To handle this an additional job will be specified in the component. This job will have a parameter which contains the explicit version that should be applied to all claims or components.

Once deployed the job will check the current selector of each claim against the version it got via the parameter. If the current selector is below the hotfix version, then the job will patch the selector and point to the version containing the hotfix. If the current selector points to a more recent version, the job will skip the instance.

Let’s assume we have these versions:

  • v1.0.0 → Initial Release

  • v1.0.1 → Important, but not urgent bugfix

  • v1.0.2 → Hotfix

  • v1.2.0 → Feature

  • v1.2.1 → Important, but not urgent bugfix

  • v1.2.2 → Hotfix

Component-appcat will contain a new parameter.

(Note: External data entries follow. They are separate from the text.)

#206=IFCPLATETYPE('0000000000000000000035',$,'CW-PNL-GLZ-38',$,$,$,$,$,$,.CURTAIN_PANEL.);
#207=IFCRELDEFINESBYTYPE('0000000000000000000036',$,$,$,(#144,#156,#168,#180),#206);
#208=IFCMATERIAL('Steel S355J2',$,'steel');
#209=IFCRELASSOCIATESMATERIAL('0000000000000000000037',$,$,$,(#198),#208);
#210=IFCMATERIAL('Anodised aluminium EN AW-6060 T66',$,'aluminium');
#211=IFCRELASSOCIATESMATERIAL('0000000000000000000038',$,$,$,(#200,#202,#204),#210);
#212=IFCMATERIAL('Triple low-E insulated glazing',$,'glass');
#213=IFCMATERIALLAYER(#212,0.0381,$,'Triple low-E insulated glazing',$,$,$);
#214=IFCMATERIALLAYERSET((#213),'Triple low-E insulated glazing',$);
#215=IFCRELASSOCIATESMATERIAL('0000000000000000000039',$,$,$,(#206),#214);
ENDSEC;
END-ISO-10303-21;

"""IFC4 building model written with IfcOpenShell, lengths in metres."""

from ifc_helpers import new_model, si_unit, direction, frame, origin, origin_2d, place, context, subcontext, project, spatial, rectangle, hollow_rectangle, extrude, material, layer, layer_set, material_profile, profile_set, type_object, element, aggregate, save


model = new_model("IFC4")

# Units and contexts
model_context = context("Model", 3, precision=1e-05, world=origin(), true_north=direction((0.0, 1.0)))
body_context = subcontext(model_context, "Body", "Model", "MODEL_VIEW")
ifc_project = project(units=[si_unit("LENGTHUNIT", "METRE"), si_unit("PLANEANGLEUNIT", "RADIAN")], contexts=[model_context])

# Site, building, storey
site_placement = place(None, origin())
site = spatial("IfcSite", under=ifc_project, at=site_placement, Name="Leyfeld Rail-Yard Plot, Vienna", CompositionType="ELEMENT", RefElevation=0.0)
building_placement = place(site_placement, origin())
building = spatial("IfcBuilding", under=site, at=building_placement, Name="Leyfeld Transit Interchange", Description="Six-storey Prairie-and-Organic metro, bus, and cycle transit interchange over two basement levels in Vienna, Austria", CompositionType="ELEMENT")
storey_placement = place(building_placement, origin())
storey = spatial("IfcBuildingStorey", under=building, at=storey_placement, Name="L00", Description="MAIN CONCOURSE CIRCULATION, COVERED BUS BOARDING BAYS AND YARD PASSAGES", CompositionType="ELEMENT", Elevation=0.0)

Let’s call it hotfixVersion. This is the parameter for the job that will switch the revisions immediately.

Example defaults.yaml in component
...
# No hotfixes for the initial release.
namespace: syn-appcat
hotFixversion: ""
...

It starts with an empty string for the initial release. Also for v1.0.1 it won’t be set, as it’s not a hotfix. If the string is empty, the component won’t deploy the hotfix job.

However, for v1.0.2 the engineer who does the rollout will have to set the field to v1.0.2 in order for the job to be generated by jsonnet.

Example logic to generate hotfixjob
// Pseudocode
local hotfixJob =
kube.Job("hotfixer") {
  metadata+: {
    name: 'hotfixer',
    namespace: params.namespace,
  },
  spec+: {},
};

{
  [if params.hotfixVersion != '' then '10_hotfixer']: hotfixJob,
}

The job will be generated by the component and deployed to all clusters.

Next version is v1.2.0. The hotfixVersion variable can either be set to empty string again, or left as is. Because the job logic should never, ever downgrade the revision. Same for v1.2.1.

For v1.2.2 the engineer who deploys it, has to set hotfixVersion to v1.2.2 again.

Pitfalls

For this to work, we need to be mindful about the API between functions. Generally, adding new fields should not be problematic. However, changes to existing fields might break an older function.

If there are breaking changes in the API, then there has to be a multistep migration process:

  1. A version of the API that contains the new fields alongside the old fields is deployed. As Crossplane can currently only handle one active version for the API, it will be active immediately. The corresponding version of function-appcat will also be deployed.

  2. That version of function-appcat needs to be able to handle the old and the new version of the API.

  3. Once all instances point to the lastest function, a mutatingwebhook alongside a new version of function-appcat is deployed. The mutatingwebhook will seamlessly migrate the old API to the new one. The lastest version of function-appcat will remove the legacy logic to handle the old fields.